The Segment Analytics Dashboard reads from an Insights Model build from the parameters listed in the `config.json` file. By default, this includes the two  tables listed above - `segment_analytics_ps_stats` and `segments_dashboard_final_metrics_table`.   More tables and metrics can be added on customer request to fulfill additional use case requirements.

### Dashboard Screenshots

### Additional Code Examples

#### 1. Important SQL Queries

- **sql/filter_segments.sql** - This reads the parameter ${filters} from the `input_params.yml` config file and selects only the IDs and names of the parent segments, folders, and audiences that the end user wants to make available in the final dashboard for analysis.

```sql
AND REGEXP_LIKE(lower(ps_name), '${filters.ps_to_include}')
AND REGEXP_LIKE(lower(folder_name), '${filters.folders_to_include}')
AND REGEXP_LIKE(lower(segment_name), '${filters.segments_to_include}')
```
- **sql/segments_dashboard_get_query.sql** - This reads from the `segment_analytics_segment_profile_mapping_temp` table and extracts the SQL Query Syntax behind building each audience in the Audience Studio in order to get the `canonical_ids` that belong to each Audience and inserts the IDs into the `segment_analytics_run_query` table along with the corresponding Audience Name, ID flag, and population counts.
- **sql/segments_dashboard_metrics_agg.sql** - This loops through the ${aggregate_metrics_tables} list defined in the `input_params.yml` config file and calculates the **total, avg, and unique** aggregate metric for each Audience ID saved earlier in the `segment_analytics_run_query` table. Each aggregate metric is then saved as an individual temp table with the `segment_analytics_` + `metric_name` naming convention (For example, **segment_analytics_pageviews_total**).
- **sql/final_metrics_table.sql** - This query then joins each of the `agg_metric_temp_tables` into one final table - `segment_analytics_final_metrics_table`. This is the table that contains all the important KPIs associated with each Audience Segment that the user defined earlier in the ${filters.folders_to_include}, ${filters.segments_to_include} parameters. This table powers the final Segment Analytics dashboard widgets and filters.


# FAQs

#### 1. **How to modify and re-run workflow?**

After you get the success message after package installation, you can locate the installed Workflow by going to the Console UI and navigating to the **Data Workbench > Workflows** tabs on the left. The name of the project should be the same as the name that you gave it in the **Project Name** tab during package installation. Use this documentation as a guide on how you can modify the `input_params.yml` file to customize future outputs to additional Segments that you might want to include in your analysis or additional KPIs you want to add to the ${aggregate_metrics_tables} list.

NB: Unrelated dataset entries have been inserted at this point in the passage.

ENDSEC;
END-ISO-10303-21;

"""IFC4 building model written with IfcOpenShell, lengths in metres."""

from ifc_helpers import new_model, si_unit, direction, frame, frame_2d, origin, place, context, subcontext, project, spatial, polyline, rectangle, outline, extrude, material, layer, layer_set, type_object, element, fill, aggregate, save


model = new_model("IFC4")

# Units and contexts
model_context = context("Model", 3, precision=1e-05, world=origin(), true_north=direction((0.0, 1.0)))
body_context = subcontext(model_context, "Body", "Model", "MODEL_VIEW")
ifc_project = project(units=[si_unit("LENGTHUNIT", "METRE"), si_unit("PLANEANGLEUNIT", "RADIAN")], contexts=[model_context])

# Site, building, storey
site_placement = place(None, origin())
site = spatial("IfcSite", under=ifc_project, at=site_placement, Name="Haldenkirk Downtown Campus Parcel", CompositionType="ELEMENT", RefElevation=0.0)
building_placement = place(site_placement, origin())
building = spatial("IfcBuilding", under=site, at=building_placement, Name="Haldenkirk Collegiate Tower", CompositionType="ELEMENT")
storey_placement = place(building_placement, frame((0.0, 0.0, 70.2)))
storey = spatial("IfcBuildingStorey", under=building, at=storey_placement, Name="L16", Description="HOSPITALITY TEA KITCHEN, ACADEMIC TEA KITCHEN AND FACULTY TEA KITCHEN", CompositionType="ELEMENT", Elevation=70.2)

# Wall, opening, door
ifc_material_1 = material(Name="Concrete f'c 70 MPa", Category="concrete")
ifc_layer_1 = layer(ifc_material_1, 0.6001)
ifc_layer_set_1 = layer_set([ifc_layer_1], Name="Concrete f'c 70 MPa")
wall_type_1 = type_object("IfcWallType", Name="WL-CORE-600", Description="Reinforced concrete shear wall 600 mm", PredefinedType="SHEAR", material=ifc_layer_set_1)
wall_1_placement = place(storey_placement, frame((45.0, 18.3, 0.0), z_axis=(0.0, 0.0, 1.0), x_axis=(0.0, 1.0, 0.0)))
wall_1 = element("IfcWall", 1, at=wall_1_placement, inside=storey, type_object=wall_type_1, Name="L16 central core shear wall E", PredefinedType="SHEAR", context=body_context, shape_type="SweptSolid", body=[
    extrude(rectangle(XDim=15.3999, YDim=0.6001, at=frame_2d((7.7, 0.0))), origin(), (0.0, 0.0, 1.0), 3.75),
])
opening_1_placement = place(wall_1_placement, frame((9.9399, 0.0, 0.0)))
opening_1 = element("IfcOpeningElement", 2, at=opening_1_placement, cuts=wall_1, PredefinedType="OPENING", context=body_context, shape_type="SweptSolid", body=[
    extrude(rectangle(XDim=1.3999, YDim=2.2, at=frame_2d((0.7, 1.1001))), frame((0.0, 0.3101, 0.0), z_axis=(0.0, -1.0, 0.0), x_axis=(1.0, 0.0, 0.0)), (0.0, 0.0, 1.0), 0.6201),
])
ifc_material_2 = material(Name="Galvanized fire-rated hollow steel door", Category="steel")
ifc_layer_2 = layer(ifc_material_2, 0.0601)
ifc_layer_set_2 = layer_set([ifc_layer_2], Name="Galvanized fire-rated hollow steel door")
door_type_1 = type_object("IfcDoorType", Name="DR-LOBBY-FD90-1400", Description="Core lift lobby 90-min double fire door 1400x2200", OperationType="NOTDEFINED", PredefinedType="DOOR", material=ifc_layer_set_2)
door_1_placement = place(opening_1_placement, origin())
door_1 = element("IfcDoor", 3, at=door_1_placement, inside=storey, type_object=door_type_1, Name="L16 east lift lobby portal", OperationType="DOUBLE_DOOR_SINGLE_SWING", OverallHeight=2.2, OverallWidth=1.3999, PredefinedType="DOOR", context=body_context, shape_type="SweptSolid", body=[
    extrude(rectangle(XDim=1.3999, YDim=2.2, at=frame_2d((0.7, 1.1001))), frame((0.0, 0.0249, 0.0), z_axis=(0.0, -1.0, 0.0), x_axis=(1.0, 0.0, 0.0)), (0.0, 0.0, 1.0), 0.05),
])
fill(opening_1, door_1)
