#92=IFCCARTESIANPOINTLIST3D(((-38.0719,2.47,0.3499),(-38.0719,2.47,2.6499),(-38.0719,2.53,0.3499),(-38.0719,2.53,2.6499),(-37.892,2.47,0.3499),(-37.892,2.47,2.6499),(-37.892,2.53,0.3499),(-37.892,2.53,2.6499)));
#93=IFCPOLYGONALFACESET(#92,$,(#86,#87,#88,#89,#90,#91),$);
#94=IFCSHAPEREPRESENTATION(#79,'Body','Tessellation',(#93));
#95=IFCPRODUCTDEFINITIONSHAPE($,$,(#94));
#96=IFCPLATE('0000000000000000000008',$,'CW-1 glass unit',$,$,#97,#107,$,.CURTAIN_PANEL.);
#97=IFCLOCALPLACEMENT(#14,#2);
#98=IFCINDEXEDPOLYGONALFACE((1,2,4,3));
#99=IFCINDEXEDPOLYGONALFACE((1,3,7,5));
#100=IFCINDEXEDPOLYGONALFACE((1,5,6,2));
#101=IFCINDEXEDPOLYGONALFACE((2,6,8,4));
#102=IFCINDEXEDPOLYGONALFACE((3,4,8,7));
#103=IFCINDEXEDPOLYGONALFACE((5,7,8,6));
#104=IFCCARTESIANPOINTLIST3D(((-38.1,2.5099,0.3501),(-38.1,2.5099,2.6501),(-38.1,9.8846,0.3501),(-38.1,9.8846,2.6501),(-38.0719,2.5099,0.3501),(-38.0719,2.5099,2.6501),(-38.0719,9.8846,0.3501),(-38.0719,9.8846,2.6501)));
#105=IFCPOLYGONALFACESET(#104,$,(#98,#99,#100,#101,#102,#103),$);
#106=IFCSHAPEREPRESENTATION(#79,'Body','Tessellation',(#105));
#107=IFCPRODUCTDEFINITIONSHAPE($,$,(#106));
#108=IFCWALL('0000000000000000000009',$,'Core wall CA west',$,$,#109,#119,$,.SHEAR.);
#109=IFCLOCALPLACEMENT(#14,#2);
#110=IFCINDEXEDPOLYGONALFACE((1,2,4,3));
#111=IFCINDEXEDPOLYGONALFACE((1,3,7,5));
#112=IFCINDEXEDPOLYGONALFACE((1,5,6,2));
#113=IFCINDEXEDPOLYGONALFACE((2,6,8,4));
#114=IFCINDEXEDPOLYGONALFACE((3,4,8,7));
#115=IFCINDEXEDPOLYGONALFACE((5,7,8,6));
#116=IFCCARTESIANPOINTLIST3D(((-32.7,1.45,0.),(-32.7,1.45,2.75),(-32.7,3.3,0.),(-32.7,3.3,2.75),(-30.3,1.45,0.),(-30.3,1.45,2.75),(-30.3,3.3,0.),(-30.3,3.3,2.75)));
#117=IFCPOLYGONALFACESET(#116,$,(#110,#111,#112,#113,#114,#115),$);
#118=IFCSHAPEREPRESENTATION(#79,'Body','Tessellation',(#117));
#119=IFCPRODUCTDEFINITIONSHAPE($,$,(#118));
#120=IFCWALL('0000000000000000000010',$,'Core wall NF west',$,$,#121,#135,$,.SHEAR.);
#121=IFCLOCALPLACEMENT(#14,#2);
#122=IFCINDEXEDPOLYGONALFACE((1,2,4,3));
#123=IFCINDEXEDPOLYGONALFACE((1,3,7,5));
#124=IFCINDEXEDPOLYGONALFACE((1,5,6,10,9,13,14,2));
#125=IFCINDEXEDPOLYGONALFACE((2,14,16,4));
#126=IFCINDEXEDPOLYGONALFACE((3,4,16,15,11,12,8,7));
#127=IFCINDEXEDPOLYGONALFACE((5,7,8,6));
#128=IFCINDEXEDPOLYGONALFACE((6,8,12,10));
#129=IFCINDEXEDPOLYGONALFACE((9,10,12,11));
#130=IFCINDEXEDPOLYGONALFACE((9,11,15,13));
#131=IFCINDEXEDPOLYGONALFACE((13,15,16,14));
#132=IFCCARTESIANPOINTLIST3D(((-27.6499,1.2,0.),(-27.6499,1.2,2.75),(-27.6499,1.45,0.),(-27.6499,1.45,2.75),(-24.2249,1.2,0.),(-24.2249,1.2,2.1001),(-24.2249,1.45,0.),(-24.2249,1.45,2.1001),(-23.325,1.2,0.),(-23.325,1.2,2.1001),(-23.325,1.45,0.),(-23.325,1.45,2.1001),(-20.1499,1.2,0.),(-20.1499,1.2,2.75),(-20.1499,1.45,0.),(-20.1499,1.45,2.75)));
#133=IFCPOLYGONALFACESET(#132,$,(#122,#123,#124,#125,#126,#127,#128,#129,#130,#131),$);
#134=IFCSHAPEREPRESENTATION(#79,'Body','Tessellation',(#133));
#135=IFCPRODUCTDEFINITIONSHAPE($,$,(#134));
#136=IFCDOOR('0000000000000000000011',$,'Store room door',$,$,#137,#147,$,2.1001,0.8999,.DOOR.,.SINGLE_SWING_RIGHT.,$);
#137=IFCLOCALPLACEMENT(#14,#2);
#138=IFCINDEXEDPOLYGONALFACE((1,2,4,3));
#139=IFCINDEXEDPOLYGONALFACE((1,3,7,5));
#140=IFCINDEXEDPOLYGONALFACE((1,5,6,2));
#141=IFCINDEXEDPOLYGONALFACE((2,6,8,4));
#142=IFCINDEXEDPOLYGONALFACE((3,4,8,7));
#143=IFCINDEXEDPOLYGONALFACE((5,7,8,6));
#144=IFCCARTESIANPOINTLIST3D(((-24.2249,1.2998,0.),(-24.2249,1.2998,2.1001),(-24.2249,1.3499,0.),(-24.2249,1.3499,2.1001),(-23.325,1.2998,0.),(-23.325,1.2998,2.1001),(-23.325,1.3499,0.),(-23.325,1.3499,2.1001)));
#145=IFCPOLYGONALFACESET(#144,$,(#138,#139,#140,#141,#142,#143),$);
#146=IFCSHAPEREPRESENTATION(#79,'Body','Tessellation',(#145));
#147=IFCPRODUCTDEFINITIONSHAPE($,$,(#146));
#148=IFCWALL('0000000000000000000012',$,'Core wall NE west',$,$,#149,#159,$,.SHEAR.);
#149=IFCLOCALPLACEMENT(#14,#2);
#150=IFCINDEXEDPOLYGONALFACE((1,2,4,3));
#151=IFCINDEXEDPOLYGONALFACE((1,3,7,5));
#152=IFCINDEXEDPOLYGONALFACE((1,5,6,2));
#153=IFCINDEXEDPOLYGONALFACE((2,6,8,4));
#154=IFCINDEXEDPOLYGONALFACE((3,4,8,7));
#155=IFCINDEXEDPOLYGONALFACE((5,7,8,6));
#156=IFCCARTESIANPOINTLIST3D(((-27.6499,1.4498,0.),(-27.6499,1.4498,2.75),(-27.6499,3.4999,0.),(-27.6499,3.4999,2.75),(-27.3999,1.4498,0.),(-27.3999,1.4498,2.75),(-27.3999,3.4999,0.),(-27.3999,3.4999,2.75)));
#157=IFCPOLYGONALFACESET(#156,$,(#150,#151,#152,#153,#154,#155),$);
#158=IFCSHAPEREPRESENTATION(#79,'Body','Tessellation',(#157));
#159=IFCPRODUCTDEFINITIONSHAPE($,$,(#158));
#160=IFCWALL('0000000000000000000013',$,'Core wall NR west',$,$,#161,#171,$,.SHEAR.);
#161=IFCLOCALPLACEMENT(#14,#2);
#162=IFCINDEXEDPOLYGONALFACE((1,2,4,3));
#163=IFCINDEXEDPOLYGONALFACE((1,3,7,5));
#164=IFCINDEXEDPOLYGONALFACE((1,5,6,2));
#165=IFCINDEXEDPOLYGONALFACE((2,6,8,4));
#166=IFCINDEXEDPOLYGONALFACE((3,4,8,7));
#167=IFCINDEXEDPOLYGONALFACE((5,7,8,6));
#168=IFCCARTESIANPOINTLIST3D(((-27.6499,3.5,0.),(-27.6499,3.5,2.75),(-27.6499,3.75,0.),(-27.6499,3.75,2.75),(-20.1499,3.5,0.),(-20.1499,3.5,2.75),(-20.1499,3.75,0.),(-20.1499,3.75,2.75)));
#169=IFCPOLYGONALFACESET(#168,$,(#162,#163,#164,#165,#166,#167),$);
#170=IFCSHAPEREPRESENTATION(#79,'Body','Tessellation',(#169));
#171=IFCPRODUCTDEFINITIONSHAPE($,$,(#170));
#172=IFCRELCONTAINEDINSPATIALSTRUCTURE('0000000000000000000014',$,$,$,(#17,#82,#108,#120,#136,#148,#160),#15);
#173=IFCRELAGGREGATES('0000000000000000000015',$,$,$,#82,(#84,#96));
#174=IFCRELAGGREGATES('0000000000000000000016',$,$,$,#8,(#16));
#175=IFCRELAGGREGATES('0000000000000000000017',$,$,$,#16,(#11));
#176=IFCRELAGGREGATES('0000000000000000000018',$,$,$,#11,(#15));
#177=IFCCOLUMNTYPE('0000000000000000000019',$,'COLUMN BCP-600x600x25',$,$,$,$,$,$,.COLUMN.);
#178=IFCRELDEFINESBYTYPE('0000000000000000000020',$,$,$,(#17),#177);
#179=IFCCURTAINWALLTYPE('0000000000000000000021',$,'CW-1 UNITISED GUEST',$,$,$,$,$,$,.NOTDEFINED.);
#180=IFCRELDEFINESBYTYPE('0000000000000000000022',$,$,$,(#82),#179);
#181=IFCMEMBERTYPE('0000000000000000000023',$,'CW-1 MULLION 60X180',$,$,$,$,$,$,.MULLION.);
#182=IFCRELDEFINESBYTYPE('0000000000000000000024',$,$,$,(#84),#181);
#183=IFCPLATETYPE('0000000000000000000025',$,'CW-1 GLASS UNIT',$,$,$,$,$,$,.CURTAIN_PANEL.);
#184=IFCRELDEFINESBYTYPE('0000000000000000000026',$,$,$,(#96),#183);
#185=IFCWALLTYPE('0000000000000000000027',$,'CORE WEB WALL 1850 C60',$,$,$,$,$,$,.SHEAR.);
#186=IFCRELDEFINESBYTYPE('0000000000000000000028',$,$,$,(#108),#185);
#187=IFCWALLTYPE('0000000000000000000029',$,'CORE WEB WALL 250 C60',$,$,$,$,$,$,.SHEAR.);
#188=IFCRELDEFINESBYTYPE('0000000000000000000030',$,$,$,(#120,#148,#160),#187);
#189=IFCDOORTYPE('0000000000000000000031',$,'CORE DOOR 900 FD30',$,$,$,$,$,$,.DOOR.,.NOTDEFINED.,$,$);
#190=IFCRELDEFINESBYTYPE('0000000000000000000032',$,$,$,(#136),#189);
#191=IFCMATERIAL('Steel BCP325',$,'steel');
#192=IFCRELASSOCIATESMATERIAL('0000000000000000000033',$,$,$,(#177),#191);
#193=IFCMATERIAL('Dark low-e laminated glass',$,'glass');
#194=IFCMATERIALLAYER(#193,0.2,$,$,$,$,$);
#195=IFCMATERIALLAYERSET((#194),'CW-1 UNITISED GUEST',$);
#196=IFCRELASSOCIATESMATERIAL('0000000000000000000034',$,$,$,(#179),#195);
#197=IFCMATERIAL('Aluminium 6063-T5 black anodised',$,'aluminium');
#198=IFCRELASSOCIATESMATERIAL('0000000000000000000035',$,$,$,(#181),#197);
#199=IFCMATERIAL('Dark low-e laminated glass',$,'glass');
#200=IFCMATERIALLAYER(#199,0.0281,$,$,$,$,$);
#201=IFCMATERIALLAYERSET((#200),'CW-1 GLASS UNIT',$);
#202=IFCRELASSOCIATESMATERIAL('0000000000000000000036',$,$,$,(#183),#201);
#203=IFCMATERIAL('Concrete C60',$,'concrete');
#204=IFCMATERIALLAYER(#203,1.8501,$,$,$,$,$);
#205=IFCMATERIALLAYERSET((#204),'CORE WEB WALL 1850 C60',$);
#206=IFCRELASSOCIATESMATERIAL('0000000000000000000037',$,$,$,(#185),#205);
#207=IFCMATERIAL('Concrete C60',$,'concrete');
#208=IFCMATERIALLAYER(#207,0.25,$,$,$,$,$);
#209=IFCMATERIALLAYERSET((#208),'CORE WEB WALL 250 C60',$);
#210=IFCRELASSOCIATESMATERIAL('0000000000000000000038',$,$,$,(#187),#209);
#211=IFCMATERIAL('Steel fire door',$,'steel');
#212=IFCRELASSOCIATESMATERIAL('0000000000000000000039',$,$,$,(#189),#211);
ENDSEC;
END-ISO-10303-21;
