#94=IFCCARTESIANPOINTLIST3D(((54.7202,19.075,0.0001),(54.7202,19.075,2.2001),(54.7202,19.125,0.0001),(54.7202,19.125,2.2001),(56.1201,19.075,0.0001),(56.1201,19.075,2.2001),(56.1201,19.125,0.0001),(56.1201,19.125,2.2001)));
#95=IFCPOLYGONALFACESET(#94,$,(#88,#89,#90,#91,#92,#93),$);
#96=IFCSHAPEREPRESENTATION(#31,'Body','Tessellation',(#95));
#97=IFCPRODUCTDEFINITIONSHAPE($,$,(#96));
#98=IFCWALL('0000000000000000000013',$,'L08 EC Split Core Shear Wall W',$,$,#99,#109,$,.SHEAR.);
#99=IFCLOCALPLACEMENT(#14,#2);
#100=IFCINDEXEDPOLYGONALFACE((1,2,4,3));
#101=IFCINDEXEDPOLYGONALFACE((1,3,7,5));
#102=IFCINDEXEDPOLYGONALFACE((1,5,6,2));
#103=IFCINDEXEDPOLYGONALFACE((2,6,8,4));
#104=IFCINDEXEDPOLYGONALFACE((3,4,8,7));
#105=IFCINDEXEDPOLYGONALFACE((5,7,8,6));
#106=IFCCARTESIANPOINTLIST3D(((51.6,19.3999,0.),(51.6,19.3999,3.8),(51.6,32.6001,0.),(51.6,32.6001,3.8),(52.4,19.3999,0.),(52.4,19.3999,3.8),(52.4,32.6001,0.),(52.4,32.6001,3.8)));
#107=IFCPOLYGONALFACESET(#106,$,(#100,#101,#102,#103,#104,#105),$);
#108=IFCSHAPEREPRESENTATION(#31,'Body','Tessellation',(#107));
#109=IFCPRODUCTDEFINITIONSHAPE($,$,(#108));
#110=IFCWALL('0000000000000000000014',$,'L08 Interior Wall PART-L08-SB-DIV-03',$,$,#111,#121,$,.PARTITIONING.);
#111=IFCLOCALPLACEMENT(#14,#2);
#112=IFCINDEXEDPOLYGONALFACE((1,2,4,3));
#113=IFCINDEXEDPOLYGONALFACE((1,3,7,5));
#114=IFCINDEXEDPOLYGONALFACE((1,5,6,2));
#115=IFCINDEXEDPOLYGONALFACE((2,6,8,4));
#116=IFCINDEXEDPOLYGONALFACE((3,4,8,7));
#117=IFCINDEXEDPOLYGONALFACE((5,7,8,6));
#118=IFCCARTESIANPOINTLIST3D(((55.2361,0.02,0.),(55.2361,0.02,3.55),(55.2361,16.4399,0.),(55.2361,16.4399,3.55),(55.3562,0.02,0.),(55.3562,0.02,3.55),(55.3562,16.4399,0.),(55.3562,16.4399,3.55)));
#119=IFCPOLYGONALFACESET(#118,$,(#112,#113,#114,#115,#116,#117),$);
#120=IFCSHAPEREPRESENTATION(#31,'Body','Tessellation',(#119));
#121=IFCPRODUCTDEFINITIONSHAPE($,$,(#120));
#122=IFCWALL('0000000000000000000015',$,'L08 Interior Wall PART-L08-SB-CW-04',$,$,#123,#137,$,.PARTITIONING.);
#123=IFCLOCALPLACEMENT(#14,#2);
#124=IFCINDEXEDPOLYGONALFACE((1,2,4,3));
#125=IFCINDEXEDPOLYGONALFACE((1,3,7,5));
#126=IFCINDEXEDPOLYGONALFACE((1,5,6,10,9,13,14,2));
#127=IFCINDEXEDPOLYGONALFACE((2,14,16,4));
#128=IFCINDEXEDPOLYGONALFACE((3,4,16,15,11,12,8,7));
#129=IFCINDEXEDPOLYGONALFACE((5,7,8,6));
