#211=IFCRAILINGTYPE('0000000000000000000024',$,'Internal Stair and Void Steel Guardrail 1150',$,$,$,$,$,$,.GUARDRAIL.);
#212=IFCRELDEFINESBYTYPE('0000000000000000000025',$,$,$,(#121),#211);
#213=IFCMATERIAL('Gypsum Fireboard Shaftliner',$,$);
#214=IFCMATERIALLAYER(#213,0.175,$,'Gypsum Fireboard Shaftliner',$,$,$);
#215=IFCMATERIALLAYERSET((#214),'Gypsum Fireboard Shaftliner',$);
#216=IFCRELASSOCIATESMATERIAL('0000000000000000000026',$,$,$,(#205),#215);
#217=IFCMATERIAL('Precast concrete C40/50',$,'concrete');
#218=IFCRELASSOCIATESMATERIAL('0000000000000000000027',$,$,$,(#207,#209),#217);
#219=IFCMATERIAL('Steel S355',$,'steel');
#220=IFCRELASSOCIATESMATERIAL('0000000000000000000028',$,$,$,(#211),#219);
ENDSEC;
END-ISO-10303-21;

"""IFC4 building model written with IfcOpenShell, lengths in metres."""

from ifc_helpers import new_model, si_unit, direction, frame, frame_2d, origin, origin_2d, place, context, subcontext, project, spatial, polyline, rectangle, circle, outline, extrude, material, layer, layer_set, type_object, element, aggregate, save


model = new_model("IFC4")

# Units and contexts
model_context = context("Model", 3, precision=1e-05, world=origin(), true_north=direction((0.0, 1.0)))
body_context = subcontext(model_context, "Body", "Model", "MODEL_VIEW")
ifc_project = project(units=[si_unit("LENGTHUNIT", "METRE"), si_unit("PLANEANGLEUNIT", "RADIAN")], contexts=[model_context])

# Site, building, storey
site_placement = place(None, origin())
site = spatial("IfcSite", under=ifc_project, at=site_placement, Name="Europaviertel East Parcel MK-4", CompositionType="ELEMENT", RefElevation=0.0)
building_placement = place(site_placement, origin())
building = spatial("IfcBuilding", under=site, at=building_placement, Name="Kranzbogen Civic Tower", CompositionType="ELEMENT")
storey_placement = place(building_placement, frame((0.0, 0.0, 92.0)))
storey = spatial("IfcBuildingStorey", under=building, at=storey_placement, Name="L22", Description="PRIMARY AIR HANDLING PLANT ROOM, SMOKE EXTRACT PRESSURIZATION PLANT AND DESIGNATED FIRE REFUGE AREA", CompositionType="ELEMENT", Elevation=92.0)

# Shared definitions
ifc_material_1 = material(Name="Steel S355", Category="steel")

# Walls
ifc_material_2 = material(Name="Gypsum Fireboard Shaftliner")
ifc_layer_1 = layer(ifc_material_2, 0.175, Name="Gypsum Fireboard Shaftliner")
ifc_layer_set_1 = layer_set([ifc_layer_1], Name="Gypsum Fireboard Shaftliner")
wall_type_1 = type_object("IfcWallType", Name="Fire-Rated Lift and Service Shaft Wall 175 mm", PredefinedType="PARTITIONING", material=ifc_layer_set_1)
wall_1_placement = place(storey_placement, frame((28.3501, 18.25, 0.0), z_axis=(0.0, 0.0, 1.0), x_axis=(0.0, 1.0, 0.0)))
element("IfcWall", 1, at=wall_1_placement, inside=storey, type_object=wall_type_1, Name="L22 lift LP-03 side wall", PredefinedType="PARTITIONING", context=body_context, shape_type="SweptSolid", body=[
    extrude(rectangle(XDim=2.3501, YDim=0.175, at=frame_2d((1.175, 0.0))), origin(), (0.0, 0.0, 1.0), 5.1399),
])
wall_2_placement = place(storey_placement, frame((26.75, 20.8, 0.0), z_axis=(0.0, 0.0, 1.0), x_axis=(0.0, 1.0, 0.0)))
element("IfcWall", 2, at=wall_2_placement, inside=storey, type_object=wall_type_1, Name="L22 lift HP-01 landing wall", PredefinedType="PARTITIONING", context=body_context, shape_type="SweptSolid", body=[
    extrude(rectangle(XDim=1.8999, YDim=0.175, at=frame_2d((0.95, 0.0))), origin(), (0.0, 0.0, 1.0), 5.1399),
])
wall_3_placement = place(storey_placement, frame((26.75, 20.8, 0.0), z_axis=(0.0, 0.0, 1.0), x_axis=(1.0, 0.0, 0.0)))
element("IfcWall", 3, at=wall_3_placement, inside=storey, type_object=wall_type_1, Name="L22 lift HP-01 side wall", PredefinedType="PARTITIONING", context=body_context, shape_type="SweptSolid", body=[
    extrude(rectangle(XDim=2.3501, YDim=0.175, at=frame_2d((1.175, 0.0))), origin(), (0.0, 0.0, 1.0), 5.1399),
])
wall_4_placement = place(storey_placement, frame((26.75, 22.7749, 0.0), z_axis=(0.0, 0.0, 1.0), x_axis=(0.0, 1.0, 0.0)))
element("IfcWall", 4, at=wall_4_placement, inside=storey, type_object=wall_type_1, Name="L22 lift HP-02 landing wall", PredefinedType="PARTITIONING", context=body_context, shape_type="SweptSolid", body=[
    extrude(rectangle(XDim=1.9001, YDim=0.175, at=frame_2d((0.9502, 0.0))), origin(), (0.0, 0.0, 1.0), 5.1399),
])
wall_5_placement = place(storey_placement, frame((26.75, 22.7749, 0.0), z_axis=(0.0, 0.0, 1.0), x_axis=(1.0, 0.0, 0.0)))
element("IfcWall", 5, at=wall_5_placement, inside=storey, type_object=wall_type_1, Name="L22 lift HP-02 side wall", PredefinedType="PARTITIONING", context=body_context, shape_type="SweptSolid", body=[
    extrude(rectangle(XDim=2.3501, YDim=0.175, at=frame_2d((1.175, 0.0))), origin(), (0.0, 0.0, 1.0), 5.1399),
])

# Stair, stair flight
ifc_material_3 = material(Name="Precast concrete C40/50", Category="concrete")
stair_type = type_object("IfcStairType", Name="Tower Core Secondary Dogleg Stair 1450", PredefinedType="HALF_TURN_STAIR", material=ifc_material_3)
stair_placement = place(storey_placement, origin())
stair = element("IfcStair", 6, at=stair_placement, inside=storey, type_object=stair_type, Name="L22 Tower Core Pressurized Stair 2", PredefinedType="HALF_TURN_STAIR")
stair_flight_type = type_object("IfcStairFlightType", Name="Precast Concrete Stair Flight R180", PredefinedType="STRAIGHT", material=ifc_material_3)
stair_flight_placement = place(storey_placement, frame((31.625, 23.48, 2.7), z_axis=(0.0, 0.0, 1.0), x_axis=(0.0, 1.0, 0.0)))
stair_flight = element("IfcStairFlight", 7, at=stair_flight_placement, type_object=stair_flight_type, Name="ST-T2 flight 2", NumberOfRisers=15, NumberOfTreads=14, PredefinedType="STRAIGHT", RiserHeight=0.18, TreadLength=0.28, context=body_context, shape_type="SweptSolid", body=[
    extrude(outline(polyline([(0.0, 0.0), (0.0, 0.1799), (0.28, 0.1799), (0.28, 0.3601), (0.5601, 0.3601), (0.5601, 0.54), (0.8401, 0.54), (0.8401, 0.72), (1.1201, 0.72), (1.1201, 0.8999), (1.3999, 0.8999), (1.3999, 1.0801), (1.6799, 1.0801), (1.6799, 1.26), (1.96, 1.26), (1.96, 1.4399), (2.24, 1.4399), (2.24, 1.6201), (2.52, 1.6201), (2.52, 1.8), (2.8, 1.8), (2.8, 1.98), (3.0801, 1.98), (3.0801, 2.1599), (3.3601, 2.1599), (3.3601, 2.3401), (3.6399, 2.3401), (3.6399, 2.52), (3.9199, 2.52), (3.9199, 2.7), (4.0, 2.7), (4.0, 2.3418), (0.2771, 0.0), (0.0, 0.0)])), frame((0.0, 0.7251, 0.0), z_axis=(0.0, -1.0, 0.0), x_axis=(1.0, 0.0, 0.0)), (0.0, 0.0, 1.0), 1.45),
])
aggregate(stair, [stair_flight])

#### 2. **How to schedule workflow if it was not scheduled during package install?**

Find the installed workflow project using the guide from the paragraph above and identify the `segment_analytics_launch.dig` file, which is the main project file that runs the entire end-to-end solution. Select **Launch Project Editor** on the top right in the console and then select **Edit File** on bottom right. At the very top of the file, you might see an empty section as such:


```python
###################### SCHEDULE PARAMS ##################################
```

To schedule the workflow, add syntax below, so the final syntax looks as such:


```Python
###################### SCHEDULE PARAMS ##################################
timezone: UTC
schedule:
  daily>: 07:00:00
```

The above example will automatically run the workflow every day at 7:00 am UTC time. For more scheduling options, refer to the DigDag documentation at [Link](https://docs.digdag.io/scheduling_workflow.html#setting-up-a-schedule).

#### 3. **Will I lose my project outputs if I delete or uninstall Package?**

No. Output Tables, Workflow or Dashboards created by the package will not be deleted if the package is uninstalled.

#### 4. **What should I do if I need Tech Support on setting up the package?**

Contact your TD representative and they will be able to dedicate an Engineering resource that can help guide you through the installation process and help you with any troubleshooting or code customization, if needed.